FOTO | Piazza Papa Giovanni XXIII, ultimati gli spazi pubblici soprastanti la stazione metro

di Andrea Tartaglia

Oggi e domani, piazza Papa Giovanni XXIII, a Catania, ospiterà il PopUp market e per l'occasione si farà trovare con una nuova veste. Sono stati completati, infatti, i lavori in superficie in corrispondenza dell'omonima stazione della metropolitana, per cui appare finalmente completato il grande marciapiede dai contorni sinuosi che collega l'area della stazione metro a viale Libertà e a Corso Martiri della Libertà, lungo il lato sud dell'isolato. Pavimentazione chiara e grandi aiuole dove sono state poste diverse essenze botaniche ingentiliscono questo spazio pubblico ritrovato. L'area inaugurata stamane, in particolare, è quella "guadagnata" dall'eliminazione di una piccola strada asfaltata pressoché inutile ai fini viabilistici: adesso, dunque, meno asfalto, più spazio per verde e pedoni.
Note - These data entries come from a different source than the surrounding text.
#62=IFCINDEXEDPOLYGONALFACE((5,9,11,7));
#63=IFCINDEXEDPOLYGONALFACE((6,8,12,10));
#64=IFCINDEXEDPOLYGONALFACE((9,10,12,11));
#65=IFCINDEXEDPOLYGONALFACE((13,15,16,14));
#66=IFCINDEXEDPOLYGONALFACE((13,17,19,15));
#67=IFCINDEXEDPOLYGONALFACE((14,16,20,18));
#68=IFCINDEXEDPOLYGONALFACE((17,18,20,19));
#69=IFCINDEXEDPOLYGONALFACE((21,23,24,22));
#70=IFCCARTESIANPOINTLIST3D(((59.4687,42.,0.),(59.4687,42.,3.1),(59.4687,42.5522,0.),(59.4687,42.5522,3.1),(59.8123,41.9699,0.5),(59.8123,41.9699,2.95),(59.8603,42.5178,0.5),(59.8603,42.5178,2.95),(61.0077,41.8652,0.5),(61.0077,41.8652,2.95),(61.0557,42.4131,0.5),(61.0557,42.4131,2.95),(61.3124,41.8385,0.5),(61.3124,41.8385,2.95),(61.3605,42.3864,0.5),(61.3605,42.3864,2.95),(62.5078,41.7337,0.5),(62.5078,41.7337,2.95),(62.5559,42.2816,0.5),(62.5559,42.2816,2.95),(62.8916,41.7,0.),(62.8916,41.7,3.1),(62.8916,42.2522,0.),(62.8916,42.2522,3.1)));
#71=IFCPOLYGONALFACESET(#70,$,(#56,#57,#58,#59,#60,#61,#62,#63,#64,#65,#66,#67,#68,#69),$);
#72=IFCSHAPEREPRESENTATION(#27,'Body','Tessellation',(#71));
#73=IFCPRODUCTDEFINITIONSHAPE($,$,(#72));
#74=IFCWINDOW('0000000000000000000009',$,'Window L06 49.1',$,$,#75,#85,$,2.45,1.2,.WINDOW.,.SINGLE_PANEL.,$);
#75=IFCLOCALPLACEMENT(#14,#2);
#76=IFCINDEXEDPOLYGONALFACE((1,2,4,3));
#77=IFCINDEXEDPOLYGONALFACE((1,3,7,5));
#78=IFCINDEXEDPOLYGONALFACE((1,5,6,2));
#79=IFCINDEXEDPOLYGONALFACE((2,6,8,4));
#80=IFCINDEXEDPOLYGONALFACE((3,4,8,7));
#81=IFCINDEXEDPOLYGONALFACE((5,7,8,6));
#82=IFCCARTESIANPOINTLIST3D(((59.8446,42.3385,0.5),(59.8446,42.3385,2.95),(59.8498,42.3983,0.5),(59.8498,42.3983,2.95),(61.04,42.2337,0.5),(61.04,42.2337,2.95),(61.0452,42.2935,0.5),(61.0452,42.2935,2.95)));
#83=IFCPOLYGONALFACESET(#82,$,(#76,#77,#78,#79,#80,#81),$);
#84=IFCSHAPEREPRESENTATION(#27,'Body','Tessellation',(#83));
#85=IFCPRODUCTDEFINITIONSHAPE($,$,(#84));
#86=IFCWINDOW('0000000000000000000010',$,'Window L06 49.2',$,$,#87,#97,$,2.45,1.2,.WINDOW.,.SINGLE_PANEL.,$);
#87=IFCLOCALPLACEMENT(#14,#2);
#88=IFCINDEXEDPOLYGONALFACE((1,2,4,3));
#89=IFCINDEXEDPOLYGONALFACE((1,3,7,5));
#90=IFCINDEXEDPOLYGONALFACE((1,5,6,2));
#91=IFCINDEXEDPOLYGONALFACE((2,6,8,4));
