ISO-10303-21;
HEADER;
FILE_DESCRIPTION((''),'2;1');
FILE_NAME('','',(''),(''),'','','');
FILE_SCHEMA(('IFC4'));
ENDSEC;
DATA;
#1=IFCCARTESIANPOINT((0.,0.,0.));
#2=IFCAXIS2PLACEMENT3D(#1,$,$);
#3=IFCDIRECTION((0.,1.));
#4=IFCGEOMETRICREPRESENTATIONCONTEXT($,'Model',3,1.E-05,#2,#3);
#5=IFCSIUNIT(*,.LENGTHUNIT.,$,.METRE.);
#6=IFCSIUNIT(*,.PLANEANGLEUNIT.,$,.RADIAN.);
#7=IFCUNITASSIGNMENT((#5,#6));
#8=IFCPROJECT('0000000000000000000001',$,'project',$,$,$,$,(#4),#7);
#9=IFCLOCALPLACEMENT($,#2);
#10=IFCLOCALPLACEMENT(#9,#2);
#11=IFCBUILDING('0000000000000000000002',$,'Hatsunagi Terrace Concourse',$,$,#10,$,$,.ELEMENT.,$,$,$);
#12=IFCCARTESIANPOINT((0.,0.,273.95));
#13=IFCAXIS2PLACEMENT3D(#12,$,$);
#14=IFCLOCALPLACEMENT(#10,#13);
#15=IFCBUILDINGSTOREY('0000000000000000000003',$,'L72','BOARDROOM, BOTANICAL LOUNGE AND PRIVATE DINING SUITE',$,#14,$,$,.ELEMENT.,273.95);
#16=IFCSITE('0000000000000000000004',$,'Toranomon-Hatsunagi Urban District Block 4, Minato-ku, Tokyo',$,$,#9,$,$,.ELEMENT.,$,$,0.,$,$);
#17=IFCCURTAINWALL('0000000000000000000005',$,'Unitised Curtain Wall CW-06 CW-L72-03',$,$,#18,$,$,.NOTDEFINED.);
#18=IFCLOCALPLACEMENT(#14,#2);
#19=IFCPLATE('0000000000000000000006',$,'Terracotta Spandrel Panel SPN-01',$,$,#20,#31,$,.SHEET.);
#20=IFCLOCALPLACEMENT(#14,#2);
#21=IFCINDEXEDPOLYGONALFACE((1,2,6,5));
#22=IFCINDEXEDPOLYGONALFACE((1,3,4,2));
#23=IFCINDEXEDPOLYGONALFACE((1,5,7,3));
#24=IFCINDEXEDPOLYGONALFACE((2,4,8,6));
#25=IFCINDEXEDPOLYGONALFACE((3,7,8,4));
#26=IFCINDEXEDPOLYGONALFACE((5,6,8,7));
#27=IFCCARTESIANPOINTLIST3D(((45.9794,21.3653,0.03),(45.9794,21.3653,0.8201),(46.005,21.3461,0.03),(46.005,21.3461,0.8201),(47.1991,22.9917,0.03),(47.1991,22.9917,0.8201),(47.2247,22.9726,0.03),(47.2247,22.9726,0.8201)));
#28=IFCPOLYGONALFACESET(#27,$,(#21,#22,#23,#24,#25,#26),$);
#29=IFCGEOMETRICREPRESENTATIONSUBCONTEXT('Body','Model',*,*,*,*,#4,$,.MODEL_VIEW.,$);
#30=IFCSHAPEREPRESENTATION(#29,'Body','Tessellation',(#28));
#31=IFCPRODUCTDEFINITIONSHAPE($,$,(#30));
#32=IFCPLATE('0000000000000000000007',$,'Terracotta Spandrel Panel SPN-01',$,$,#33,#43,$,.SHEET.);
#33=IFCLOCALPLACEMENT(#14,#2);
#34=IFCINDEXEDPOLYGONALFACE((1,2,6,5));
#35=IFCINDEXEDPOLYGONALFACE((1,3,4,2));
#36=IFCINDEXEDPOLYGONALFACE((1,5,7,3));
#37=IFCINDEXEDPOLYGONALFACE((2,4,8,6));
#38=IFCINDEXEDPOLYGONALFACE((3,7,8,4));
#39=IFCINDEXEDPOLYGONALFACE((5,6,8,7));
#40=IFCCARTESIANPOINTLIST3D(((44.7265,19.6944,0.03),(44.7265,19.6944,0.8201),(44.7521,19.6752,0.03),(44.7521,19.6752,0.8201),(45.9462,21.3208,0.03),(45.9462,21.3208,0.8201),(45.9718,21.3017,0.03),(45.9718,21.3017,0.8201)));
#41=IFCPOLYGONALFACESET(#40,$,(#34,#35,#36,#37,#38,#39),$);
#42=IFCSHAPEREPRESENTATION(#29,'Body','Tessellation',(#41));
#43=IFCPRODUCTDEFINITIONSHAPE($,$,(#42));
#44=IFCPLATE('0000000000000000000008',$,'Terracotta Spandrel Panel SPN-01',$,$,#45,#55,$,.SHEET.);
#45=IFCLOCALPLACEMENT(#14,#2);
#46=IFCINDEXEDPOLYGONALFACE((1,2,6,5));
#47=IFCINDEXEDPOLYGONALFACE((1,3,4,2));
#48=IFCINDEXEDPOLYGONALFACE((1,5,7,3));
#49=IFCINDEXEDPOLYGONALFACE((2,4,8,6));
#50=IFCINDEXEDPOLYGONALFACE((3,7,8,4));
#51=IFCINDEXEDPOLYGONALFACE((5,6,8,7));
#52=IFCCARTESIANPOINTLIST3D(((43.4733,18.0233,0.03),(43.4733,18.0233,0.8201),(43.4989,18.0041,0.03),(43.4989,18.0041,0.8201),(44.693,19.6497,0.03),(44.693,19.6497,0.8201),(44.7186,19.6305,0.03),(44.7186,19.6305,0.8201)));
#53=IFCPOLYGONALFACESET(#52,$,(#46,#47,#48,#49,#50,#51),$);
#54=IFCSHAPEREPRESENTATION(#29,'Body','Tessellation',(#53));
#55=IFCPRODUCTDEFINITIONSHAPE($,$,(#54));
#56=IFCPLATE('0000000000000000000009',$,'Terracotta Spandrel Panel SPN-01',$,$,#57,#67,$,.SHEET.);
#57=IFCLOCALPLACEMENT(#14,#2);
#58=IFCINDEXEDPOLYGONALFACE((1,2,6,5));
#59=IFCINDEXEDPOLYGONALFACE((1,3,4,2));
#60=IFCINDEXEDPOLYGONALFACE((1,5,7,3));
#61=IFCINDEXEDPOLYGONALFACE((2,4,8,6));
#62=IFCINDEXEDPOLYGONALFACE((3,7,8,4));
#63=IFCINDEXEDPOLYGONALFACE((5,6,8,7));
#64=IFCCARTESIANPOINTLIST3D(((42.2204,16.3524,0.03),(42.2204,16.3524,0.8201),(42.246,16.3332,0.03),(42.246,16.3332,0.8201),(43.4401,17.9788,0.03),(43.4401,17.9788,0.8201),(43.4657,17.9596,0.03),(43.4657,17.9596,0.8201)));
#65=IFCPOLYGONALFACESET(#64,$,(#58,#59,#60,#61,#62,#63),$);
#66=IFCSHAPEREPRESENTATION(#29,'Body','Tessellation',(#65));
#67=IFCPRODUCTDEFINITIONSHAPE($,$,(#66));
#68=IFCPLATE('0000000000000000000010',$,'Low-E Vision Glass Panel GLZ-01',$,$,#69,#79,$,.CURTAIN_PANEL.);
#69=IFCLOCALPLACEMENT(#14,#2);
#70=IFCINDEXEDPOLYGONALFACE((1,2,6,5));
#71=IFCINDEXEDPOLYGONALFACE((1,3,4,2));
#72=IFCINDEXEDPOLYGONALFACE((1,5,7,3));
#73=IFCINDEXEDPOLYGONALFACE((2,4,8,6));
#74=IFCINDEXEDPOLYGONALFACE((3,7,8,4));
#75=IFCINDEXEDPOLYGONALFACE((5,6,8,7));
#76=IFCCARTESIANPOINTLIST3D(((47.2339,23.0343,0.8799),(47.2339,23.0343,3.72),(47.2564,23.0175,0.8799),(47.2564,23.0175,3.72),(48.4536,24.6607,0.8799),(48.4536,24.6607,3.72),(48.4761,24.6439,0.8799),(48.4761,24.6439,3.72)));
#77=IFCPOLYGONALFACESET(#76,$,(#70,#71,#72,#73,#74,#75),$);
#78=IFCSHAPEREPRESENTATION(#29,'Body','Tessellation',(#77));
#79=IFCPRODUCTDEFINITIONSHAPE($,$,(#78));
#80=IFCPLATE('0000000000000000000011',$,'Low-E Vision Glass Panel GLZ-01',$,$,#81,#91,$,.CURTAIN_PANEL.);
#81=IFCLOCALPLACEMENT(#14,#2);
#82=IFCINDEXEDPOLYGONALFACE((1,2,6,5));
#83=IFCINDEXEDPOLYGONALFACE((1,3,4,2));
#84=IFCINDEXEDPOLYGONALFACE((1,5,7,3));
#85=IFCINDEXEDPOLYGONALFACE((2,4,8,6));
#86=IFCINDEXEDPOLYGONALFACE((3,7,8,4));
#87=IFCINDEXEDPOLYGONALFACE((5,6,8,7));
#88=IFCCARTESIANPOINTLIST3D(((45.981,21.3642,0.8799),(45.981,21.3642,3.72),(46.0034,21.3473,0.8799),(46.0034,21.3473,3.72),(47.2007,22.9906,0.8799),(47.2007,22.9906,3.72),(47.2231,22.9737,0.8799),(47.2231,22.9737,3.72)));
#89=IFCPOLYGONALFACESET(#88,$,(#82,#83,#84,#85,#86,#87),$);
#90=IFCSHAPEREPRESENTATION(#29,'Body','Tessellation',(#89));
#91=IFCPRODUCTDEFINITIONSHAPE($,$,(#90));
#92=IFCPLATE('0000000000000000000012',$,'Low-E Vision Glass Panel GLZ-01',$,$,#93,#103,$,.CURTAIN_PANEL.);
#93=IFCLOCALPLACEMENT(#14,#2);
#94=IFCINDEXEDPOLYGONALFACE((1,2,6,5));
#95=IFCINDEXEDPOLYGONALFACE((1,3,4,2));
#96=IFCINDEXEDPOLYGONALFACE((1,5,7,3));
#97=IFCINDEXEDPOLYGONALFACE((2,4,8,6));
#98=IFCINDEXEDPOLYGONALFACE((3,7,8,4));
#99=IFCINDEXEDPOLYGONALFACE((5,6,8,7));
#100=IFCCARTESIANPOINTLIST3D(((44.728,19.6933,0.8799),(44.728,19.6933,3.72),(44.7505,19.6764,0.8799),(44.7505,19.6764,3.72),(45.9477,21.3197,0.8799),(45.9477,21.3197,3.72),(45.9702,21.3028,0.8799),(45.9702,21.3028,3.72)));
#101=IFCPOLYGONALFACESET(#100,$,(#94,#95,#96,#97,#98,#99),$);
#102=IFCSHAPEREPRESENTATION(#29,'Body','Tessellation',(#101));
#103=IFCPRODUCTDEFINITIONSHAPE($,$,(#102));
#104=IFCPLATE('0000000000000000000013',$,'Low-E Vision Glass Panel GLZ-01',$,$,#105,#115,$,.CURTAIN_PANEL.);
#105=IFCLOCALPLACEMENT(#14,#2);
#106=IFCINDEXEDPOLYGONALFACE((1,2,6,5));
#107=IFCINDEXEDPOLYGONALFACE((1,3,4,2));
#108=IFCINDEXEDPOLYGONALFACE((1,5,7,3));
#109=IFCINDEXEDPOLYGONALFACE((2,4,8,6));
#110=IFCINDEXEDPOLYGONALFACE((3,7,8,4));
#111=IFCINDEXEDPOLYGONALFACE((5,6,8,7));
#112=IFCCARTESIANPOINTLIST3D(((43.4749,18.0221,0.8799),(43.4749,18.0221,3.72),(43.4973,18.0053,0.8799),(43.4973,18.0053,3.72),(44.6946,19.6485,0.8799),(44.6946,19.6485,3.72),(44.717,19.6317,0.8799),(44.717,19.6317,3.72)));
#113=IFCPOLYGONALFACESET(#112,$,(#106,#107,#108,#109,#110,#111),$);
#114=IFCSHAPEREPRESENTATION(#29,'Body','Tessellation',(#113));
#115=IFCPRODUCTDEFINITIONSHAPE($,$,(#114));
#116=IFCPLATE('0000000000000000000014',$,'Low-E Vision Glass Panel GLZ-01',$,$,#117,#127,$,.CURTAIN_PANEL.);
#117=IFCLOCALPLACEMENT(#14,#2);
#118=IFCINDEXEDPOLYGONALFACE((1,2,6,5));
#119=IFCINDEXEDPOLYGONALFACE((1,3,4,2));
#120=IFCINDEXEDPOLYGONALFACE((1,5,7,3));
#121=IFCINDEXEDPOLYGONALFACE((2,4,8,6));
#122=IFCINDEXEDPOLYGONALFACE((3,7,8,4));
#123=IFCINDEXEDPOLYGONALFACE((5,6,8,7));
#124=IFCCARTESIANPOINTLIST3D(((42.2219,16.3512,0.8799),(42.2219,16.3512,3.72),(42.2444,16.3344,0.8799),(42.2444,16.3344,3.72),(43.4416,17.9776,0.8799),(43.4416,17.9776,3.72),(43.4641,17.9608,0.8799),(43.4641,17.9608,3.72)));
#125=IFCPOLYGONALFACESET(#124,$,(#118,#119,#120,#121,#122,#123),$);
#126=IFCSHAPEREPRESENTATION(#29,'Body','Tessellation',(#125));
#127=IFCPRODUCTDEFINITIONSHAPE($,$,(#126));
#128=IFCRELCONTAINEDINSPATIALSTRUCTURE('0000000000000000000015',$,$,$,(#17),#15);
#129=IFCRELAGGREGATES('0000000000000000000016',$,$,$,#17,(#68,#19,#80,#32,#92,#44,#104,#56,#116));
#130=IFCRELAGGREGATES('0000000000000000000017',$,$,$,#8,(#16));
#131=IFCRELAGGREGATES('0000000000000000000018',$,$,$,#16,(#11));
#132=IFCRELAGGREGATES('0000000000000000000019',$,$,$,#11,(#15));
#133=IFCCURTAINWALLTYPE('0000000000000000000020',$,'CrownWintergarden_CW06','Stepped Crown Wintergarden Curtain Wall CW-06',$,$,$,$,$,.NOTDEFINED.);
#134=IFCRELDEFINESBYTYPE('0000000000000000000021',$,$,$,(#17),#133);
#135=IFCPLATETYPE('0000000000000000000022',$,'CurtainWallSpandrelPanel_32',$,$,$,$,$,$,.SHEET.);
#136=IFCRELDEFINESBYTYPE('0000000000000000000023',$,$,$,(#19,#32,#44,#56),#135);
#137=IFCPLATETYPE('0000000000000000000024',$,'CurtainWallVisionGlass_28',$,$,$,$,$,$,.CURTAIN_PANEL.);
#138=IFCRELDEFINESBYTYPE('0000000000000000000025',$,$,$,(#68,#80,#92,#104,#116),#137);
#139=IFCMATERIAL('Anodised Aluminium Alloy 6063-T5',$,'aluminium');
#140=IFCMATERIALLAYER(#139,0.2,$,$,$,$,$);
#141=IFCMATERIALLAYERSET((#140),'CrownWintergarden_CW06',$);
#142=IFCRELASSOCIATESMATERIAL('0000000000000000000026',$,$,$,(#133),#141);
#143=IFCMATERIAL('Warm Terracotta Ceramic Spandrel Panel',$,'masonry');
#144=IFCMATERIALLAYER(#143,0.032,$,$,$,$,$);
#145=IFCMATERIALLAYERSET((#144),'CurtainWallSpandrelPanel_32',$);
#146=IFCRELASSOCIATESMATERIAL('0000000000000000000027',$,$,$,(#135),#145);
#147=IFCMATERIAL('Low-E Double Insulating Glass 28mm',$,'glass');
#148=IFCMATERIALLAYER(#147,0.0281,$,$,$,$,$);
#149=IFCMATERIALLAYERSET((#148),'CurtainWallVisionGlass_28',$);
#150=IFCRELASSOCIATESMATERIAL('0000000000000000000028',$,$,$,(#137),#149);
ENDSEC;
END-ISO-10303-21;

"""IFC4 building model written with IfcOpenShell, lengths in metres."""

from ifc_helpers import new_model, si_unit, direction, frame, origin, origin_2d, place, context, subcontext, project, spatial, rectangle, extrude, material, layer, layer_set, type_object, element, aggregate, save


model = new_model("IFC4")

# Units and contexts
model_context = context("Model", 3, precision=1e-05, world=origin(), true_north=direction((0.0, 1.0)))
body_context = subcontext(model_context, "Body", "Model", "MODEL_VIEW")
ifc_project = project(units=[si_unit("LENGTHUNIT", "METRE"), si_unit("PLANEANGLEUNIT", "RADIAN")], contexts=[model_context])

# Site, building, storey
site_placement = place(None, origin())
site = spatial("IfcSite", under=ifc_project, at=site_placement, Name="Toranomon-Hatsunagi Urban District Block 4, Minato-ku, Tokyo", CompositionType="ELEMENT", RefElevation=0.0)
building_placement = place(site_placement, origin())
building = spatial("IfcBuilding", under=site, at=building_placement, Name="Hatsunagi Terrace Concourse", CompositionType="ELEMENT")
storey_placement = place(building_placement, frame((0.0, 0.0, 273.95)))
storey = spatial("IfcBuildingStorey", under=building, at=storey_placement, Name="L72", Description="BOARDROOM, BOTANICAL LOUNGE AND PRIVATE DINING SUITE", CompositionType="ELEMENT", Elevation=273.95)

# Curtain wall, plates
ifc_material_1 = material(Name="Anodised Aluminium Alloy 6063-T5", Category="aluminium")
ifc_layer_1 = layer(ifc_material_1, 0.2)
ifc_layer_set_1 = layer_set([ifc_layer_1], Name="CrownWintergarden_CW06")
curtain_wall_type = type_object("IfcCurtainWallType", Name="CrownWintergarden_CW06", Description="Stepped Crown Wintergarden Curtain Wall CW-06", PredefinedType="NOTDEFINED", material=ifc_layer_set_1)
curtain_wall_placement = place(storey_placement, origin())
curtain_wall = element("IfcCurtainWall", 1, at=curtain_wall_placement, inside=storey, type_object=curtain_wall_type, Name="Unitised Curtain Wall CW-06 CW-L72-03", PredefinedType="NOTDEFINED")
ifc_material_2 = material(Name="Warm Terracotta Ceramic Spandrel Panel", Category="masonry")
ifc_layer_2 = layer(ifc_material_2, 0.032)
ifc_layer_set_2 = layer_set([ifc_layer_2], Name="CurtainWallSpandrelPanel_32")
All'interno dello stesso isolato, lungo via Archimede e viale Libertà, rimane chiusa un'area privata che non è oggetto di questi lavori di riqualificazione. Per essa si ipotizza, in futuro, una rinconversione in terminal bus extraurbani. Anche la stazione metro vede lentamente avanzare i lavori che le competono per quanto riguarda le rifiniture: è stato montato il portale rosso dell'accesso lato via Archimede. In superficie rimangono da installare le panchine previste lungo i bordi delle aiuole in rilievo, i copribulloni bianchi delle piastre in acciaio e le coperture delle pensiline, mentre la bella fontana vista accesa in occasione dell'inaugurazione della tratta metropolitana rimane ancora spenta. All'interno della stazione, invece, si attendono ancora i sospirati corrimani. L'auspicio è che la piazza possa anche essere dotata di rastrelliere per biciclette, di cestini portarifiuti e di una fontanella: in un luogo tra stazione metro, stazione centrale FS e capilinea di bus urbani ed extraurbani, sono tanti i turisti e i pendolari che gradirebbero, specialmente nei mesi estivi.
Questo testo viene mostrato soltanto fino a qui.